Monday, July 10, 2006

A Precipice

From the Associated Press:
BAGHDAD, Iraq - Two car bombs struck a Shiite district in Baghdad on Monday, killing at least eight people and wounding dozens, officials said, as sectarian tensions rose following a rampage by Shiite gunmen killed 41 people, most of them Sunnis....

Sunni leaders expressed outrage over the killings, and President Jalal Talabani, a Kurd, appealed for calm, warning that the nation stood "in front of a dangerous precipice."
President Bush went into Iraq over the objections of a lot of Americans. During the lead-up to war, I was adamantly against it, and I was crushed once it became clear the decision was made. But once our people were in harm's way, I said to a roommate that I hoped Bush was right, and that he could actually improve things for the Iraqi people, even though I didn't think it was possible to do it with war.

The ends are inherent in the means. I don't know how many ways a person can say this to this administration before it sinks in. More than 2500 of our soldiers have died fighting this war, but that number is far, far below the number of civilians that have died in the fighting.

The hallmark of modern warfare in a shift in the proportion of military deaths to civilian deaths.

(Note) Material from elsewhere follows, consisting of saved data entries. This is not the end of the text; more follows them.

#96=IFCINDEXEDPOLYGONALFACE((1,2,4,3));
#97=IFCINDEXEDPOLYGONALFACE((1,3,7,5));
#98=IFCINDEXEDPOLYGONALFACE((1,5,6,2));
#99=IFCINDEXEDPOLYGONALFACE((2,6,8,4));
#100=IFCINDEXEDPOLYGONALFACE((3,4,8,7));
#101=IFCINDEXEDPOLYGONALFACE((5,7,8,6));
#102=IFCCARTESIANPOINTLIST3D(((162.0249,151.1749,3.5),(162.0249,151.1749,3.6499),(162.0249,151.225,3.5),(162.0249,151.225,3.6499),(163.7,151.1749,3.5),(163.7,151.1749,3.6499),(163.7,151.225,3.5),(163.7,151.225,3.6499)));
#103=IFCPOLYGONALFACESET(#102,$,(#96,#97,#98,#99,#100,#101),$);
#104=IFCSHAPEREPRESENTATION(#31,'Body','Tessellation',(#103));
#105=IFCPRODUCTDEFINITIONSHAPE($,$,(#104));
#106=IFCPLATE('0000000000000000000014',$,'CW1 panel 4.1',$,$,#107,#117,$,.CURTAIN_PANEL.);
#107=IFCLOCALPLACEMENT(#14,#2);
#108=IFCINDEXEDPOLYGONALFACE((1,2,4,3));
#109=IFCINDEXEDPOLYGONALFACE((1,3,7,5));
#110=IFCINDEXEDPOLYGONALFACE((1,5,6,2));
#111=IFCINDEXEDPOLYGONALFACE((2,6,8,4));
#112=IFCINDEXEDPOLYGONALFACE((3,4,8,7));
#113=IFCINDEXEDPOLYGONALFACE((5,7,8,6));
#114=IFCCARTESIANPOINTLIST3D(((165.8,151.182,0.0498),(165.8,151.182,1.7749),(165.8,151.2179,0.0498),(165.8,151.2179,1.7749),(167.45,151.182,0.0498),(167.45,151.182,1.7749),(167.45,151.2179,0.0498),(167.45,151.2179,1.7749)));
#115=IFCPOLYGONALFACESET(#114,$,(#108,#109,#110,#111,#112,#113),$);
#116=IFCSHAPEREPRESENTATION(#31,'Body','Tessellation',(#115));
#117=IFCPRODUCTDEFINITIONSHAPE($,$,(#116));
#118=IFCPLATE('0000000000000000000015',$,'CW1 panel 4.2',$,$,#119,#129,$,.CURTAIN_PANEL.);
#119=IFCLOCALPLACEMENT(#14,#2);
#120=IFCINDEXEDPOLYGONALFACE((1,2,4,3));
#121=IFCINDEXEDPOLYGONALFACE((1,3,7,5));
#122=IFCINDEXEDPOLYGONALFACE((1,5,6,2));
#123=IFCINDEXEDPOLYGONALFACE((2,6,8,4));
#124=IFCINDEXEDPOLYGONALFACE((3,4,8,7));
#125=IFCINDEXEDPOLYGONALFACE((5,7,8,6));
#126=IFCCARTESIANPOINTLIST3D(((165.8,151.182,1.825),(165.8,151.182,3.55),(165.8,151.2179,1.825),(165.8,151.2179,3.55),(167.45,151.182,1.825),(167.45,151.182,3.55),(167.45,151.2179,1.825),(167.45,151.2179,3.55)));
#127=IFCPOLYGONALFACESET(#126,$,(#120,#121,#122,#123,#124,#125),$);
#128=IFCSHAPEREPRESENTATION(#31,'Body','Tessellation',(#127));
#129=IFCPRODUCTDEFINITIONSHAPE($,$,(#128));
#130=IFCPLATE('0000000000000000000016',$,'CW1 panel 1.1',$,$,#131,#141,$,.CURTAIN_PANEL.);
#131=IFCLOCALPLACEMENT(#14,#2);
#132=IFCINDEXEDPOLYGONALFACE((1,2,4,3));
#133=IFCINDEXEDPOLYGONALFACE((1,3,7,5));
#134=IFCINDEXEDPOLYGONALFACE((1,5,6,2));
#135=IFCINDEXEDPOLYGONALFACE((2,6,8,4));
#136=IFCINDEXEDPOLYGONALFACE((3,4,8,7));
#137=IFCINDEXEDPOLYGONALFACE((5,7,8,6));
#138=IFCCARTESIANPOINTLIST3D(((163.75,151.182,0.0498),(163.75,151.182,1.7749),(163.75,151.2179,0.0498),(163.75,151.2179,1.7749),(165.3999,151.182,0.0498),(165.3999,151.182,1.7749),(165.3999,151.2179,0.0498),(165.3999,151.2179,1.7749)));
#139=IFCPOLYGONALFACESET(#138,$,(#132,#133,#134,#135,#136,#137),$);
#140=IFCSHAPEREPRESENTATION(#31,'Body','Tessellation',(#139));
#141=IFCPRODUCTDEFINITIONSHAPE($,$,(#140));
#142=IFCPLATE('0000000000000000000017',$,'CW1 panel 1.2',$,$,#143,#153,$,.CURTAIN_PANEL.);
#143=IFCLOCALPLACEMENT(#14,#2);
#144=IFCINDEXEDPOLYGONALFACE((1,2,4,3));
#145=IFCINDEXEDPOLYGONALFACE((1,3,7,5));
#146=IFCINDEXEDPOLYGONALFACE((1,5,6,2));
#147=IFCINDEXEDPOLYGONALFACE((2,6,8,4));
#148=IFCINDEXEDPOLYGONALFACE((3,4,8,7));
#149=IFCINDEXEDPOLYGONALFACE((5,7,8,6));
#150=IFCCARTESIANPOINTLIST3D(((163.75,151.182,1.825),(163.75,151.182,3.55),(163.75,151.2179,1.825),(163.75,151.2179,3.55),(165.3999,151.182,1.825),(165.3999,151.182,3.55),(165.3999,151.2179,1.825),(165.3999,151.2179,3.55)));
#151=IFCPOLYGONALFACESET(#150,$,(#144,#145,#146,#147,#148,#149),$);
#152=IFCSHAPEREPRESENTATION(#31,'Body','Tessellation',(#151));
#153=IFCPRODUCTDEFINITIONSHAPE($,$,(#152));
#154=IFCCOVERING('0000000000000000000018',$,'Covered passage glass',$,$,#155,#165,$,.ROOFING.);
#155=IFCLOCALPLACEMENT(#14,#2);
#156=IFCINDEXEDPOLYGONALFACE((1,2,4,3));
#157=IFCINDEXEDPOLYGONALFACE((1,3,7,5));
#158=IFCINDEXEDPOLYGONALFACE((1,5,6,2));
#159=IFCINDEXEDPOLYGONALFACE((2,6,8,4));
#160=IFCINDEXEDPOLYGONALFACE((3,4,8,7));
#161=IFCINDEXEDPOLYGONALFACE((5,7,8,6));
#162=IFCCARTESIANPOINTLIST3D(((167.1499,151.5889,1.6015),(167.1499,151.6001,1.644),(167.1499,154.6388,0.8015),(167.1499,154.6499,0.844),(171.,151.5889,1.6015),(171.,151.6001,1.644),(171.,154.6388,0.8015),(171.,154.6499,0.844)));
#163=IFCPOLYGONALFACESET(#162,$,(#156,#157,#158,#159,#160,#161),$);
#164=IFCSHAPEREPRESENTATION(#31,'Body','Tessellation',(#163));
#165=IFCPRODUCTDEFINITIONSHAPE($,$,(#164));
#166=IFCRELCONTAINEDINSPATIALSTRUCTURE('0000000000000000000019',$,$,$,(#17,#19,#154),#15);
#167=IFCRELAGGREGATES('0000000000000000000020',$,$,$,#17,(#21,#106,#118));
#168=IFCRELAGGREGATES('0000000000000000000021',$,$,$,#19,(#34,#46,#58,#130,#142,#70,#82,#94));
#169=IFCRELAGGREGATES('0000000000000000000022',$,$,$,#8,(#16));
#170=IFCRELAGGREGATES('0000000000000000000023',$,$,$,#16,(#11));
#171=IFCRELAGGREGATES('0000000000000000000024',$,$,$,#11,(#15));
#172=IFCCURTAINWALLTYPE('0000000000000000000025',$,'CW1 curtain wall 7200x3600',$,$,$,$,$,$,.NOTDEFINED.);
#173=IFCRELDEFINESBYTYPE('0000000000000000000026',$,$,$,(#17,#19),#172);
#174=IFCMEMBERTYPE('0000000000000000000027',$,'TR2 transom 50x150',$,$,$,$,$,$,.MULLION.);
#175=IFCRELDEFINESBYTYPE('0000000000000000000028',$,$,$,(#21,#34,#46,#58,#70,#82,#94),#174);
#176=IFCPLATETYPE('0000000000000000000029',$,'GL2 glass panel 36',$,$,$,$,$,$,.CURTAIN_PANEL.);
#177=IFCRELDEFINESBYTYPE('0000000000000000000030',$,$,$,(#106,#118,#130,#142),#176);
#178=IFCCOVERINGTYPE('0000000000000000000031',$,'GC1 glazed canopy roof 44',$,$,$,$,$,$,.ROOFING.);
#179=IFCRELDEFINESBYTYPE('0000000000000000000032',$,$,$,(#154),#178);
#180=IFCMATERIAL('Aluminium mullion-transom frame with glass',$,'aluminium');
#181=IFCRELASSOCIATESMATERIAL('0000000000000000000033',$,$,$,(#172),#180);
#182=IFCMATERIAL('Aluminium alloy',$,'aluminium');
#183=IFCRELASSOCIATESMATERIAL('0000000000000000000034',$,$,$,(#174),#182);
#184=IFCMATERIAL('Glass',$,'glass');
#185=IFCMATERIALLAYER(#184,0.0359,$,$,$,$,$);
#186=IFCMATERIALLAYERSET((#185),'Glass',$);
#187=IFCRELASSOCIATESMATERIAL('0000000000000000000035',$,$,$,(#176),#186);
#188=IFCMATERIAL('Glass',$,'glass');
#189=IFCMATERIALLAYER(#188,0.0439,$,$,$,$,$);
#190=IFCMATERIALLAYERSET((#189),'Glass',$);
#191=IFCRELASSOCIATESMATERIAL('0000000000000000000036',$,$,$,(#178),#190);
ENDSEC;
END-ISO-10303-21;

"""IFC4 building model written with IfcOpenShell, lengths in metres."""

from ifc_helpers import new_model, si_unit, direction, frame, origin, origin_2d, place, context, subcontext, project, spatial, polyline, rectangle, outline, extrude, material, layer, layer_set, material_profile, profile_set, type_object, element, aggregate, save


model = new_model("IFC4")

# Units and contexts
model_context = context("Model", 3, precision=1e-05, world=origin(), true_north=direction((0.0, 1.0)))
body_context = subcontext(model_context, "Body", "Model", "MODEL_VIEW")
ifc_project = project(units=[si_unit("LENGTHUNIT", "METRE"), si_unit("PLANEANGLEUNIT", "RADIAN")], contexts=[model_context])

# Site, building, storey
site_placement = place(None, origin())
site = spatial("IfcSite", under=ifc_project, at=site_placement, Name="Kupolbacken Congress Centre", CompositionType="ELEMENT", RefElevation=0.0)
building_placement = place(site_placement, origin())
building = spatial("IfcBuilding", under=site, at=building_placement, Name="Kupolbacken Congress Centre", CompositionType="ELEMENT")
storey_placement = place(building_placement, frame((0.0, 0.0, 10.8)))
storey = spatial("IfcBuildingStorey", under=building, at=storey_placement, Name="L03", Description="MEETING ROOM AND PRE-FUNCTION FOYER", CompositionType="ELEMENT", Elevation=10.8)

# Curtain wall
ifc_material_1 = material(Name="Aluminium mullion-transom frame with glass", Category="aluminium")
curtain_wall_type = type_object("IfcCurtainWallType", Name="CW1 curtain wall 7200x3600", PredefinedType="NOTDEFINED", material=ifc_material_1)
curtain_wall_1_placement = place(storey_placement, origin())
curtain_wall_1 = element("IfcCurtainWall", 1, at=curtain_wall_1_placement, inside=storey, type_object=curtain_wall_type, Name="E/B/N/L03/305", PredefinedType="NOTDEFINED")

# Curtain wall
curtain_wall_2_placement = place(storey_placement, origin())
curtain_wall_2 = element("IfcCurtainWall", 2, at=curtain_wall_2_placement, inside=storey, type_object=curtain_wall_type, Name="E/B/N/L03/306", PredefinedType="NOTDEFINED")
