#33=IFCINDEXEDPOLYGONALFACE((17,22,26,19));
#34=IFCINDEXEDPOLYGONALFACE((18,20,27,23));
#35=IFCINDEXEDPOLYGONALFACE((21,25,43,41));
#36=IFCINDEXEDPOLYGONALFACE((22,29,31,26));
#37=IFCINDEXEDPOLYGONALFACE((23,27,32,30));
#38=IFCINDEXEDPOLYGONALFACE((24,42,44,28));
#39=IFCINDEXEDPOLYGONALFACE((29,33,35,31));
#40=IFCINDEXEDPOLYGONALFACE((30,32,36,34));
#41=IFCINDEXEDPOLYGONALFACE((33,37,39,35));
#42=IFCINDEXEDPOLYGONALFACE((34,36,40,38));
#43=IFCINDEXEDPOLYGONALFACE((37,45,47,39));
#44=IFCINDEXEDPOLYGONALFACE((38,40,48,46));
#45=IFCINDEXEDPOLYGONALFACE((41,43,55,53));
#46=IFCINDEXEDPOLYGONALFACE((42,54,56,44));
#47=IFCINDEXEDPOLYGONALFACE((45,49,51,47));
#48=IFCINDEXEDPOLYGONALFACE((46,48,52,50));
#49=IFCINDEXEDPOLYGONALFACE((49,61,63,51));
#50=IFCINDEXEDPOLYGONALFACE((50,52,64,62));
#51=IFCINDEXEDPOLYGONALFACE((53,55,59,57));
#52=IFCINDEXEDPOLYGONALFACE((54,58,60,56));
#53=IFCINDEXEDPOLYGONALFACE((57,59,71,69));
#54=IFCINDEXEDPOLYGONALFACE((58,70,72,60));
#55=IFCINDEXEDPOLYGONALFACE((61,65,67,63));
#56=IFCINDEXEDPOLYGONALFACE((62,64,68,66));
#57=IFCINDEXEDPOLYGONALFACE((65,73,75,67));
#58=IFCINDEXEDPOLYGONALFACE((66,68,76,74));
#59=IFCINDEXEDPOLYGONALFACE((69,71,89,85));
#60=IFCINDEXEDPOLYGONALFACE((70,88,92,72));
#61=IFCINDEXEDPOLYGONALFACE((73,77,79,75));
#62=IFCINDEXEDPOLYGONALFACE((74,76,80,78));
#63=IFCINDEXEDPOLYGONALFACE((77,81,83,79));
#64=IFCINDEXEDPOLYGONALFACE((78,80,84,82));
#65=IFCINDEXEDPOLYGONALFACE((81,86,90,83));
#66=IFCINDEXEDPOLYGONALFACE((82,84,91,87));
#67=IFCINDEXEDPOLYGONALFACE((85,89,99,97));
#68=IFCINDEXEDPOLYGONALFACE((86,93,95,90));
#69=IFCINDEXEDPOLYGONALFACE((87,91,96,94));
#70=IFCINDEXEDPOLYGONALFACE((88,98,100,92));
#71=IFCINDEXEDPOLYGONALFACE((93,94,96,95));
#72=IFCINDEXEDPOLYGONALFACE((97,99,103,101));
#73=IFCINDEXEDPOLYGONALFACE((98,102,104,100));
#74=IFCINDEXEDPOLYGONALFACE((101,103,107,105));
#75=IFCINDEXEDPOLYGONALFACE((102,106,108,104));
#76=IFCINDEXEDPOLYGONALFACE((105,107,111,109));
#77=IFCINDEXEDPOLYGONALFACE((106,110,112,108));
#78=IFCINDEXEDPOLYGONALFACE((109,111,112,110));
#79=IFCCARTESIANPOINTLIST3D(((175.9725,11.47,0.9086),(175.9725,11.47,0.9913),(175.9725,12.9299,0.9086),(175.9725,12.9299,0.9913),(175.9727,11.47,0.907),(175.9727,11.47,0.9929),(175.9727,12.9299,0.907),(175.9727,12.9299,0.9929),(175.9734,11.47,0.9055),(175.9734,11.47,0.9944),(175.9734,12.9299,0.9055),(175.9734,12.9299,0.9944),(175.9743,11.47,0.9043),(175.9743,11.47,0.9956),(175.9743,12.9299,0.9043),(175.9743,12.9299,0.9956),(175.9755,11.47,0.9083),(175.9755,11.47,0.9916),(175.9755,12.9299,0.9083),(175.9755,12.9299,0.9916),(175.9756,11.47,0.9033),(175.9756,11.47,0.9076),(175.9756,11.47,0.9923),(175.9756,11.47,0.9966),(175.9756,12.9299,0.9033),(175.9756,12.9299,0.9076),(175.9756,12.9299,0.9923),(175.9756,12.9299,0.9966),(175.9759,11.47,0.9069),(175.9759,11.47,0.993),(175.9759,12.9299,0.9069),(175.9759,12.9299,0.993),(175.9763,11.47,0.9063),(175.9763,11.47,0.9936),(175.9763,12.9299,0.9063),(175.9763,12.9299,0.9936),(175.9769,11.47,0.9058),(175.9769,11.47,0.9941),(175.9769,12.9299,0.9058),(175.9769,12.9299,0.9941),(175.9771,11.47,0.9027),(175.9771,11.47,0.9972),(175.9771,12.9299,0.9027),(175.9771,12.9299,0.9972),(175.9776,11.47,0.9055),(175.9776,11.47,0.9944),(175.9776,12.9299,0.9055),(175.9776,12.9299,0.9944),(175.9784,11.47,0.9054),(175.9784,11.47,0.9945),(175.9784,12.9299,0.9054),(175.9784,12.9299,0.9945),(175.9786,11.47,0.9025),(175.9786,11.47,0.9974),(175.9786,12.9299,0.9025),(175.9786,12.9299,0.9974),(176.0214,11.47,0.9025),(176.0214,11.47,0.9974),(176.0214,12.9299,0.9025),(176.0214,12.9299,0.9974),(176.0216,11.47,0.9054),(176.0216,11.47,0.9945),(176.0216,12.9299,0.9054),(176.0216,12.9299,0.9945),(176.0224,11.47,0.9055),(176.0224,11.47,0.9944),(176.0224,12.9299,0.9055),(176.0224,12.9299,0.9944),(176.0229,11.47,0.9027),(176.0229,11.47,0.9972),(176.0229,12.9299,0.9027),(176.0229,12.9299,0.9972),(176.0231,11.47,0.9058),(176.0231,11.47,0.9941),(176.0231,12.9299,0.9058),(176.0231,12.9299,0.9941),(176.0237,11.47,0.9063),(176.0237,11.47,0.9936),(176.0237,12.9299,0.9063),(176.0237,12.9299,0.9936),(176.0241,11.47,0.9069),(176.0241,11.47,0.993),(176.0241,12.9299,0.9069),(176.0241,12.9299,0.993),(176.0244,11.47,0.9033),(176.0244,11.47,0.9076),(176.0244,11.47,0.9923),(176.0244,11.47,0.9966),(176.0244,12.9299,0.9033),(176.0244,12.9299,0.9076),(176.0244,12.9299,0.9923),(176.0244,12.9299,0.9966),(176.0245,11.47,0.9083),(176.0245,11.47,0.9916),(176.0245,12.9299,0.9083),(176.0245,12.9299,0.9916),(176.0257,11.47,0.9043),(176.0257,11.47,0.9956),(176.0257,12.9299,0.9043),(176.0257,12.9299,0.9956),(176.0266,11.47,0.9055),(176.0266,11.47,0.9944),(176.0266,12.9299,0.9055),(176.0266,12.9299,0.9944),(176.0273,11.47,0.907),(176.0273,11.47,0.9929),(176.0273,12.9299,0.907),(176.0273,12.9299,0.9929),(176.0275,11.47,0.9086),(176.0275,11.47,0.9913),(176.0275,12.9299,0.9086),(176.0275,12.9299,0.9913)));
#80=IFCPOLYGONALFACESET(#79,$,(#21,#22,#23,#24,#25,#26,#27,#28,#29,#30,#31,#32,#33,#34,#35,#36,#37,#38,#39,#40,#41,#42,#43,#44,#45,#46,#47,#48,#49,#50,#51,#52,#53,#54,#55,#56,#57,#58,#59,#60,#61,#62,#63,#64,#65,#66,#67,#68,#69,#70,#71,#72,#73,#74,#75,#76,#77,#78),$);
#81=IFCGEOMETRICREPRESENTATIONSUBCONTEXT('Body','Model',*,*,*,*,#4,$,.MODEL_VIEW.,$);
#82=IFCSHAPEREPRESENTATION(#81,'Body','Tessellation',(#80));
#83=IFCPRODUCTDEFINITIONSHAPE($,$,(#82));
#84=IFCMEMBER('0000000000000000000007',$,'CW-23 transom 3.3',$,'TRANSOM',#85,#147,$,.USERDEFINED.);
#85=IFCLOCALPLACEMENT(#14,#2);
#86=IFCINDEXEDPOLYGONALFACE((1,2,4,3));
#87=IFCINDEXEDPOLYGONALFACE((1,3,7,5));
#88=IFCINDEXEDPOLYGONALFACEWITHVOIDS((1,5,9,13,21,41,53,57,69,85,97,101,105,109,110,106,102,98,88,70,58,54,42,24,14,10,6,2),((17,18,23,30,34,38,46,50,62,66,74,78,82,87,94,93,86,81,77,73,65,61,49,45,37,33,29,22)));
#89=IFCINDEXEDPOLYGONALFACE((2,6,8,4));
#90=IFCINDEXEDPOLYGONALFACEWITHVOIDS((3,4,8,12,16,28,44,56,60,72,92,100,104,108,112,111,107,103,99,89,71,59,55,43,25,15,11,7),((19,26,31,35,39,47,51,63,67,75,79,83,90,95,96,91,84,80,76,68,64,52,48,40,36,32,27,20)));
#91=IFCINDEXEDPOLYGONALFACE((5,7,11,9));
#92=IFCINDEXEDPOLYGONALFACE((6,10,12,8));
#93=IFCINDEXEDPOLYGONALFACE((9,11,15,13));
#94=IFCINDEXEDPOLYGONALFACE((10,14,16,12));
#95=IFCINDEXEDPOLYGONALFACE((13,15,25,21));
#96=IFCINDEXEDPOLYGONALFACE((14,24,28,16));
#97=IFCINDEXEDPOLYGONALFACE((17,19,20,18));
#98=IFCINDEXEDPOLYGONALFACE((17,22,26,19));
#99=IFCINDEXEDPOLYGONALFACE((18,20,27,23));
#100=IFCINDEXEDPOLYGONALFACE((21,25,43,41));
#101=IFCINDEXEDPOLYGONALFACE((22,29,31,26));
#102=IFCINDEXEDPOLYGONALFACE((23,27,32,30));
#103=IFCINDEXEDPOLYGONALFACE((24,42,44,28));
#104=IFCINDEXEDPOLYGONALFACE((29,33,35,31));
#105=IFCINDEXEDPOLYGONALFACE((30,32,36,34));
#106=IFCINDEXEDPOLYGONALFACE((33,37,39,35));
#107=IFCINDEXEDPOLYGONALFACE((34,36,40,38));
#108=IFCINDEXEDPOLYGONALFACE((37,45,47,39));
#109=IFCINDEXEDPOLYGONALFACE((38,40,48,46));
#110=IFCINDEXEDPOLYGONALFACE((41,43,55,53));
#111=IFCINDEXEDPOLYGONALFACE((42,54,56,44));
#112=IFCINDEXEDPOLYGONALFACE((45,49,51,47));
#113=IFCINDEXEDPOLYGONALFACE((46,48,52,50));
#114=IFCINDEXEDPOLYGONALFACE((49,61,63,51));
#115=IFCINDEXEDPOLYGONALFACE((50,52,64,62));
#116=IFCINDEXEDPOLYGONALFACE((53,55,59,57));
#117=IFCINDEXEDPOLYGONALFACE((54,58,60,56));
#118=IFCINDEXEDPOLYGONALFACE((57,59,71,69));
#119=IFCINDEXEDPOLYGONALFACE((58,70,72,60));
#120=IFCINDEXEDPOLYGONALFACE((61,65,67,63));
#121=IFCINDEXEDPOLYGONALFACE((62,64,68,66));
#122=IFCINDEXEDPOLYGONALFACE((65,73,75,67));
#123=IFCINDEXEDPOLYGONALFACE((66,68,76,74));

Unfortunately, the fact that we don't feel the full effects of our military action to the extent that we used to, because of that proportion's shift, has led to a much more cavalier attitude about how and when we use our military as an early option.

It's like having a gun: you don't have such a fear of using violence because the consequences for you aren't as certain as they were in the era of clubs and swords.

All of this is to say: dammit. Civil war is already happening in Iraq as predicted by many of us who were against this invasion in the first place for precisely this reason, among others. It's time for Congress to force the President to either come up with a significantly different strategy, or else stop funding any military operation in Iraq that isn't ferrying our men and women home. If we're not going to intervene and stop the civil war, as Mr. Rumsfeld has said we won't do, then we are putting our soldiers in the crossfire for nothing.